The appellant stresses that he was arrested as a disorderly person. The record reflects that the officers so advised him. That evidence, though relevant to the issue, does not compel us to conclude that the arrest was, in fact, for a misdemeanor. The officers were not obliged to tell Nootenboom anything. Their statement may have been prompted by caution and, perhaps, even fear, that if Nootenboom knew the true reason why he was being taken into custody, violence or flight might ensue. Indeed, such is a reasonable inference to be drawn from the testimony of Officer Huggins. He said: "The questions that he had answered previously as to his whereabouts and yet his appearance was so good, and the description was so close, that we felt that it was a very good possibility if he was arrested on a misdemeanor where he would be taken into the jail for a lineup."

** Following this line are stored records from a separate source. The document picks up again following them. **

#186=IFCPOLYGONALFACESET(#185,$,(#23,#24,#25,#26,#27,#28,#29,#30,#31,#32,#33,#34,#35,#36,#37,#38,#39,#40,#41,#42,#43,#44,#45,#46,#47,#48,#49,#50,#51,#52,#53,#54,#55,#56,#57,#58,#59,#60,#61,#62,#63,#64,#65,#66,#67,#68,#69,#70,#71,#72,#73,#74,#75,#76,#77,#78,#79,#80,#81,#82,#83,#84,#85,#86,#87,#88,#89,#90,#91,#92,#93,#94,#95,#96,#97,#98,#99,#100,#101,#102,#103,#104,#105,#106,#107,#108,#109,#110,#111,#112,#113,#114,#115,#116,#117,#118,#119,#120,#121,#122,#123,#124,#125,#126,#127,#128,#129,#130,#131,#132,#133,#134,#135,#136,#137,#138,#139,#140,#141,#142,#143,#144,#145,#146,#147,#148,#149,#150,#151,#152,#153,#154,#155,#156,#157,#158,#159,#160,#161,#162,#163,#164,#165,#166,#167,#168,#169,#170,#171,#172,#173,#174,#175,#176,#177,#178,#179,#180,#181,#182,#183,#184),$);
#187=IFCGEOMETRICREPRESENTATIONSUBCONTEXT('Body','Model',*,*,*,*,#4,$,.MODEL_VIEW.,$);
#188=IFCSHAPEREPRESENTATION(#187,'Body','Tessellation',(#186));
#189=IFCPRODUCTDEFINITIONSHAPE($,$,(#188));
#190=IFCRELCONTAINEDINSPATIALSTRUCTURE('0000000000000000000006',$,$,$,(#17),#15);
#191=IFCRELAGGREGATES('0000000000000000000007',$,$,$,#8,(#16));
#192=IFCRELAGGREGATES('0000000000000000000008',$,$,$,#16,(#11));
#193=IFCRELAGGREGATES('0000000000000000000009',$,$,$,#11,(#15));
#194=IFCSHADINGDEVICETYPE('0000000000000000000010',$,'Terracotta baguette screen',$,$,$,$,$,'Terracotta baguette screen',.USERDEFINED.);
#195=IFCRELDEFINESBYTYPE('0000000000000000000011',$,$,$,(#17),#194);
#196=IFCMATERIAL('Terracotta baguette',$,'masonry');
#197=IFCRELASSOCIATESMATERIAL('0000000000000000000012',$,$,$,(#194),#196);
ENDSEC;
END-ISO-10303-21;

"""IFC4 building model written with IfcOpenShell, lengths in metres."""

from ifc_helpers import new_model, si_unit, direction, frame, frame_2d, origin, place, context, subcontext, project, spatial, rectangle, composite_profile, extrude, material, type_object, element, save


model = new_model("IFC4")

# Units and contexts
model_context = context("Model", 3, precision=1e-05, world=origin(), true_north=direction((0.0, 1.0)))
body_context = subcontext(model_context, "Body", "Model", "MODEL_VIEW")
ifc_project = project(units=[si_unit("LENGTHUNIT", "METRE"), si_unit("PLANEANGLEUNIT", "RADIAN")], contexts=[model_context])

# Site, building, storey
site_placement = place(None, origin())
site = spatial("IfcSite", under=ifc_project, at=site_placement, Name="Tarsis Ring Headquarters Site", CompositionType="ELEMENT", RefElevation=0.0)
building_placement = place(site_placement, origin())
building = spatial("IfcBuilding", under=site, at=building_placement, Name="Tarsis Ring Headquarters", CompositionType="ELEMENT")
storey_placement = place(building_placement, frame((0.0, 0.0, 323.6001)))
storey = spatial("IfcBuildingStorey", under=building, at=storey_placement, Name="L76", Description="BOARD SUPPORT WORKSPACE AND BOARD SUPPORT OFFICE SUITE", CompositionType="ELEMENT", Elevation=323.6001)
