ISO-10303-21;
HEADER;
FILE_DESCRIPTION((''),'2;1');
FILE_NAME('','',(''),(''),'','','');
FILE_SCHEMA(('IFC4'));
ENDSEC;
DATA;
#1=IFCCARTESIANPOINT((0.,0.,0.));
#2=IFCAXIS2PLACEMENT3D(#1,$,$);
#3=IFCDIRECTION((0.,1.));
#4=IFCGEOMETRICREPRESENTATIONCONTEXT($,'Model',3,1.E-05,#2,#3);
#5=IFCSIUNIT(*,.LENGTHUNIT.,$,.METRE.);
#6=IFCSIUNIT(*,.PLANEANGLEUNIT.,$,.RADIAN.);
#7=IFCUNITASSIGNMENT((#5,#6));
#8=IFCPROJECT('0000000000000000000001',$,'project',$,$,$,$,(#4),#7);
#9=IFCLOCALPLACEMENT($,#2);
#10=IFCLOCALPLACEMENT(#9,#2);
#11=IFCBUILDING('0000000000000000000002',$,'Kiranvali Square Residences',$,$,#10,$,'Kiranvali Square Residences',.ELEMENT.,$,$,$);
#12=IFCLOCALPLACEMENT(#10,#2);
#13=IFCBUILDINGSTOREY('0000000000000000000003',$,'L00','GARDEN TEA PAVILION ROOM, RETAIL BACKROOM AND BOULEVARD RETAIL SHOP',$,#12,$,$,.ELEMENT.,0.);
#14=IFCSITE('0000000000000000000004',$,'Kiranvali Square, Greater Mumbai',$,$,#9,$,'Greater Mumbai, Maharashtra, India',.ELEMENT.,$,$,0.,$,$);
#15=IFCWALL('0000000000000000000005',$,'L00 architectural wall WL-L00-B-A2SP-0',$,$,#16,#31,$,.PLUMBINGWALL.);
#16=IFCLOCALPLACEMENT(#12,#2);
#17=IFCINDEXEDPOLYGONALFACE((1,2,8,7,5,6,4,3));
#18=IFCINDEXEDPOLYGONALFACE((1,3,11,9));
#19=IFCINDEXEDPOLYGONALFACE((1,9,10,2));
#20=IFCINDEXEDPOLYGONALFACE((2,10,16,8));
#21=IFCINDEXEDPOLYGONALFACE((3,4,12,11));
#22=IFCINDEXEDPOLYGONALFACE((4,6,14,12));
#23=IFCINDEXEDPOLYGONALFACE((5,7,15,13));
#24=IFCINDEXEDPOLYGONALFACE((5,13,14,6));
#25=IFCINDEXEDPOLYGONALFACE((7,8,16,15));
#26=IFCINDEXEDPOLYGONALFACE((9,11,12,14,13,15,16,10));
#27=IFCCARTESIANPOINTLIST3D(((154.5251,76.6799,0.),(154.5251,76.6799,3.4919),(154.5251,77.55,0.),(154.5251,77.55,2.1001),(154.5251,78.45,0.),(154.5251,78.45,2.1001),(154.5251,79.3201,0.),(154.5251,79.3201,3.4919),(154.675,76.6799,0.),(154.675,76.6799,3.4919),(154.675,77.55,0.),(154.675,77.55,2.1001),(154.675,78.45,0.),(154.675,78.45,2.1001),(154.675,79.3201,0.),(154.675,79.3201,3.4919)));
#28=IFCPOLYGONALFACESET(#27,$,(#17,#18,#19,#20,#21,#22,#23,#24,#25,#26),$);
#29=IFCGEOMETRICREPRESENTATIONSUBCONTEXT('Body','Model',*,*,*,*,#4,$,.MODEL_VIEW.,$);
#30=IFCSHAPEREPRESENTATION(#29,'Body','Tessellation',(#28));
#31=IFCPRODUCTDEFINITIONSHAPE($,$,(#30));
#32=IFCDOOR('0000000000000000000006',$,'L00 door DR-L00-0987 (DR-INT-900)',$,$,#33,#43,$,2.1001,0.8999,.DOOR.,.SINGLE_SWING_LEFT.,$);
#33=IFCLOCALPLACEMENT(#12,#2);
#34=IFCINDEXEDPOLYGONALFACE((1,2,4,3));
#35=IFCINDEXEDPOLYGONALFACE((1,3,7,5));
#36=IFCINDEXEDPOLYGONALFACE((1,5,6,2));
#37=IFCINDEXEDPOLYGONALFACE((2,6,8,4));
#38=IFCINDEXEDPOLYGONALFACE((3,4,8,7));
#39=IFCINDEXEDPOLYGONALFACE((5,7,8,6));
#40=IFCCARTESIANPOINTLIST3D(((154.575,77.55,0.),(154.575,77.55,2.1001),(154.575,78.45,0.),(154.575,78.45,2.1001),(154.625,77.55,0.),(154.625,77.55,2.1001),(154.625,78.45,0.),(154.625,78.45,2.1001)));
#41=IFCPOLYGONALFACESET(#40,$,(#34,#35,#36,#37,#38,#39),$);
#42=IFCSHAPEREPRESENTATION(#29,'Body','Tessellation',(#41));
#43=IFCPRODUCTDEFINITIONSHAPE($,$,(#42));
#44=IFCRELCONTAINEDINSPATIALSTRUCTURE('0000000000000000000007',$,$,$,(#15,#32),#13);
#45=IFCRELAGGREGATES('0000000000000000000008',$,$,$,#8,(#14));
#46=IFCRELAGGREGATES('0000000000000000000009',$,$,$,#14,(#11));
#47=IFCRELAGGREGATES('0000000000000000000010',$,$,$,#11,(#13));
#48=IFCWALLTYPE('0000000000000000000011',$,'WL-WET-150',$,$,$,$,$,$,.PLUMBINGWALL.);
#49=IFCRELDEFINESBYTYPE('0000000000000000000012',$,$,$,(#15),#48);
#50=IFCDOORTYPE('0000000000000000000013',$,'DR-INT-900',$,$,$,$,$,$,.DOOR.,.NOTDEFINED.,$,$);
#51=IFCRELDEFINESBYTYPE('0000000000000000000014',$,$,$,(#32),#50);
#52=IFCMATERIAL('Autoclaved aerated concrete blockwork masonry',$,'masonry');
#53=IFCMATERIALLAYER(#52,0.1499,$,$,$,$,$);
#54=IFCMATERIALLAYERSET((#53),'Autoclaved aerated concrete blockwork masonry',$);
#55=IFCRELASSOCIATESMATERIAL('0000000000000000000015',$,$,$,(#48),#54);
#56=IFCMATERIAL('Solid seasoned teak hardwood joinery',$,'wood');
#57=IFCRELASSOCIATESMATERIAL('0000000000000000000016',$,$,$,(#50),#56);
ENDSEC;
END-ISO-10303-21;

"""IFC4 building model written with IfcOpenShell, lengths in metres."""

from ifc_helpers import new_model, si_unit, direction, frame, frame_2d, origin, place, context, subcontext, project, spatial, rectangle, extrude, material, layer, layer_set, type_object, element, fill, save


model = new_model("IFC4")

# Units and contexts
model_context = context("Model", 3, precision=1e-05, world=origin(), true_north=direction((0.0, 1.0)))
body_context = subcontext(model_context, "Body", "Model", "MODEL_VIEW")
ifc_project = project(units=[si_unit("LENGTHUNIT", "METRE"), si_unit("PLANEANGLEUNIT", "RADIAN")], contexts=[model_context])

# Site, building, storey
site_placement = place(None, origin())
site = spatial("IfcSite", under=ifc_project, at=site_placement, Name="Kiranvali Square, Greater Mumbai", LongName="Greater Mumbai, Maharashtra, India", CompositionType="ELEMENT", RefElevation=0.0)
building_placement = place(site_placement, origin())
building = spatial("IfcBuilding", under=site, at=building_placement, Name="Kiranvali Square Residences", LongName="Kiranvali Square Residences", CompositionType="ELEMENT")
storey_placement = place(building_placement, origin())
storey = spatial("IfcBuildingStorey", under=building, at=storey_placement, Name="L00", Description="GARDEN TEA PAVILION ROOM, RETAIL BACKROOM AND BOULEVARD RETAIL SHOP", CompositionType="ELEMENT", Elevation=0.0)

# Wall, opening, door
ifc_material_1 = material(Name="Autoclaved aerated concrete blockwork masonry", Category="masonry")
ifc_layer = layer(ifc_material_1, 0.1499)
ifc_layer_set = layer_set([ifc_layer], Name="Autoclaved aerated concrete blockwork masonry")
wall_type = type_object("IfcWallType", Name="WL-WET-150", PredefinedType="PLUMBINGWALL", material=ifc_layer_set)
wall_placement = place(storey_placement, frame((154.6001, 79.3201, 0.0), z_axis=(0.0, 0.0, 1.0), x_axis=(0.0, -1.0, 0.0)))
wall = element("IfcWall", 1, at=wall_placement, inside=storey, type_object=wall_type, Name="L00 architectural wall WL-L00-B-A2SP-0", PredefinedType="PLUMBINGWALL", context=body_context, shape_type="SweptSolid", body=[
    extrude(rectangle(XDim=2.6401, YDim=0.1499, at=frame_2d((1.3201, 0.0))), origin(), (0.0, 0.0, 1.0), 3.4919),
])
opening_placement = place(wall_placement, frame((0.8701, 0.0, 0.0)))
opening = element("IfcOpeningElement", 2, at=opening_placement, cuts=wall, PredefinedType="OPENING", context=body_context, shape_type="SweptSolid", body=[
    extrude(rectangle(XDim=0.8999, YDim=2.1001, at=frame_2d((0.45, 1.05))), frame((0.0, 0.085, 0.0), z_axis=(0.0, -1.0, 0.0), x_axis=(1.0, 0.0, 0.0)), (0.0, 0.0, 1.0), 0.1699),
])
ifc_material_2 = material(Name="Solid seasoned teak hardwood joinery", Category="wood")
door_type = type_object("IfcDoorType", Name="DR-INT-900", OperationType="NOTDEFINED", PredefinedType="DOOR", material=ifc_material_2)
door_placement = place(opening_placement, origin())
door = element("IfcDoor", 3, at=door_placement, inside=storey, type_object=door_type, Name="L00 door DR-L00-0987 (DR-INT-900)", OperationType="SINGLE_SWING_LEFT", OverallHeight=2.1001, OverallWidth=0.8999, PredefinedType="DOOR", context=body_context, shape_type="SweptSolid", body=[
    extrude(rectangle(XDim=0.8999, YDim=2.1001, at=frame_2d((0.45, 1.05))), frame((0.0, 0.0249, 0.0), z_axis=(0.0, -1.0, 0.0), x_axis=(1.0, 0.0, 0.0)), (0.0, 0.0, 1.0), 0.05),
])
fill(opening, door)

save(model, "model.ifc")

Since the arrest was lawful, the officers were authorized to contemporaneously search Nootenboom for weapons, or for the fruits of, or implements used to commit, the crimes. Weeks v. United States, 232 U.S. 383, 34 S.Ct. 341, 58 L.Ed. 652 (1914); Agnello v. United States, 269 U.S. 20, 46 S.Ct. 4, 70 L.Ed. 145 (1925). Their search produced the switchblade knife. They were not obliged to undress him in public to secure his clothes and other identifying objects. We conclude that the lower court correctly allowed in evidence the defendant's clothes, cigarettes and switchblade knife, as items produced by a search substantially contemporaneous with a lawful arrest. Cf. Preston v. United States, 376 U.S. 364, 84 S.Ct. 881, 11 L.Ed.2d 777, (1964); Stoner v. California, 376 U.S. 483, 84 S.Ct. 889, 11 L.Ed.2d 856 (1964); Thurlow v. State, 81 Nev. 510, 406 P.2d 918 (1965).

Counsel for appellant was court appointed. Accordingly, we direct the District Court to give him the certificate specified in NRS 7.260(3) to enable him to receive compensation as provided in NRS 7.260(4).


ZENOFF, D.J., concurs.

COLLINS, J., concurring:

I concur with the holding of the majority opinion, but for a different reason on the point dealing with the arrest. Officer McHale testified appellant was arrested as a disorderly person, a misdemeanor. The officer had no warrant, but because the offense was committed in his presence he needed none. NRS 171.235(1) (a). Appellant was found guilty of the charge, was sentenced to jail, and served the time ordered. He in no way questioned the arrest nor appealed the conviction. Time for such appeal has since expired.

That arrest being valid, any reasonable search incident thereto would be valid. Agnello v. United States, 269 U.S. 20, 30, 46 S.Ct. 4, 70 L.Ed. 145 (1925); Carroll v. United States, 267 U.S. 132, 158, 45 S.Ct. 280, 69 L.Ed. 543 (1925); Weeks v. United States, 232 U.S. 383, 392, 34 S.Ct. 341, 58 L.Ed. 652 (1914).

If arrest for the misdemeanor was valid, we do not need to speculate about probable cause to support his arrest without a warrant on the felony charge. It was the arrest for the misdemeanor which brought about the search which produced the evidence to support the felony conviction. The arrest for the misdemeanor was certainly validated in all legal respects when appellant was found guilty of the very charge for which he was arrested, served his time, took no appeal, nor otherwise attacked the judgment of conviction.